Good news - for me at least. I got back to this issue and tried doing this exact thing, except that I left the action as “masquerade” instead of “src-nat”. And it worked! It now does the port translation properly, NTP works, and I didn’t need to specify my external IP address (which is static, but still assigned via DHCP, so I didn’t want to hardcode that in the rule).
Ah, masquerade can do port translation… I did not know that, I thought it was available only with src-nat and dst-nat.
Checking in the GUI I see the option indeed is offered to do that.
Hmm
I just set up the ntp package on my router (downloaded and installed), so that my router was used as a common NTP source.
The router gets its NTP information from the net via the ntp client settings (no fw rules required)

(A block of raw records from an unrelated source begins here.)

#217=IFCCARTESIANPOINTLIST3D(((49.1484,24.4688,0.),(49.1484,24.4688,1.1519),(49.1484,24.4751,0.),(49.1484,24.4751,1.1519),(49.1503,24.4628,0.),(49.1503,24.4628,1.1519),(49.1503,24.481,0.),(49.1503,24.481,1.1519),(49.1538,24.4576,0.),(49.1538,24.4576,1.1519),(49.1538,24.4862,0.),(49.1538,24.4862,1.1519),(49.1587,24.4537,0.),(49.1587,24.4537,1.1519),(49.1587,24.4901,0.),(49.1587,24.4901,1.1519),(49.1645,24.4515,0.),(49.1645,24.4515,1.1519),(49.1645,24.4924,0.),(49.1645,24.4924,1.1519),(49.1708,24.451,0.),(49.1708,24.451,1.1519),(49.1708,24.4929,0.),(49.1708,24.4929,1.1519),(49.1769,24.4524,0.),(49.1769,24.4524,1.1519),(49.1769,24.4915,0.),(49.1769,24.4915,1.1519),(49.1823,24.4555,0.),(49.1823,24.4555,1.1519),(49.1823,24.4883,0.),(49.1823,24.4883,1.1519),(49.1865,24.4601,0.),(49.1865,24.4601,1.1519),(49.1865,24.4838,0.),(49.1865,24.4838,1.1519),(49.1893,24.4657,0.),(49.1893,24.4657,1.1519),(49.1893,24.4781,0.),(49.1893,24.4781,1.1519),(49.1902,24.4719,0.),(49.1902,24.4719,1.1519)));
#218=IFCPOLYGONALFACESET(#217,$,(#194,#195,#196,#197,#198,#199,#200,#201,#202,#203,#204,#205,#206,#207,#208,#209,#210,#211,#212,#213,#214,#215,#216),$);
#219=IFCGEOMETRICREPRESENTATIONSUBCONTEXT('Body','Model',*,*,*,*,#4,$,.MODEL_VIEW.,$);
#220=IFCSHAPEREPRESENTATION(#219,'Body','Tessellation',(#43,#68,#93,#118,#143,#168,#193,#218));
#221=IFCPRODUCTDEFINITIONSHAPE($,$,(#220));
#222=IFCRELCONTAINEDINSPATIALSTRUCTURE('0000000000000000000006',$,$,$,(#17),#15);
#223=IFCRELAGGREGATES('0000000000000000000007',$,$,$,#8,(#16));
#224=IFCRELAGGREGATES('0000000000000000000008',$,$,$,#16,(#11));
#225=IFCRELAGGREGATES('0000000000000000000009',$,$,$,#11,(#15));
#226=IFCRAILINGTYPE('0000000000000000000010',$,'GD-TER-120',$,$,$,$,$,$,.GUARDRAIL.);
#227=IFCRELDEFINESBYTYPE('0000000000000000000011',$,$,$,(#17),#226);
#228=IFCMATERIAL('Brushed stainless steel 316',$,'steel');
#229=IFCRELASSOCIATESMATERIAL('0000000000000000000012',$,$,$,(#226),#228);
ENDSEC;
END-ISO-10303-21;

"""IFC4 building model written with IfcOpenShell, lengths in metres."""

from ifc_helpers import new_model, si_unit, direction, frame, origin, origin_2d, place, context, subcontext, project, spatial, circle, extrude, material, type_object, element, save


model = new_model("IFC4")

The only thing I had to do was allow whatever devices behind the router needed access to the service on my router
add action=accept chain=input comment=“Allow NTP server” connection-state=new
dst-port=123 in-interface-list=LAN protocol=udp src-address-list=“firewalladdresslist”
How is your case different and in that regard..
Vilx can you summarize what you have done.
Requirement what the use case was different from straight NTP server.
I wouldn’t say my case/requirements are different, just that I tried this solution first because it seemed simpler/easier/lightweight compared to setting up a whole ntp server. I do see the benefits of that too however and maybe one day I’ll decide to do that, who knows. Right now though I’m happy.
What I did I described above - copied the one and only default NAT rule and added source port/protocol and destination port range. Then moved it before the default rule and added a descriptive comment above.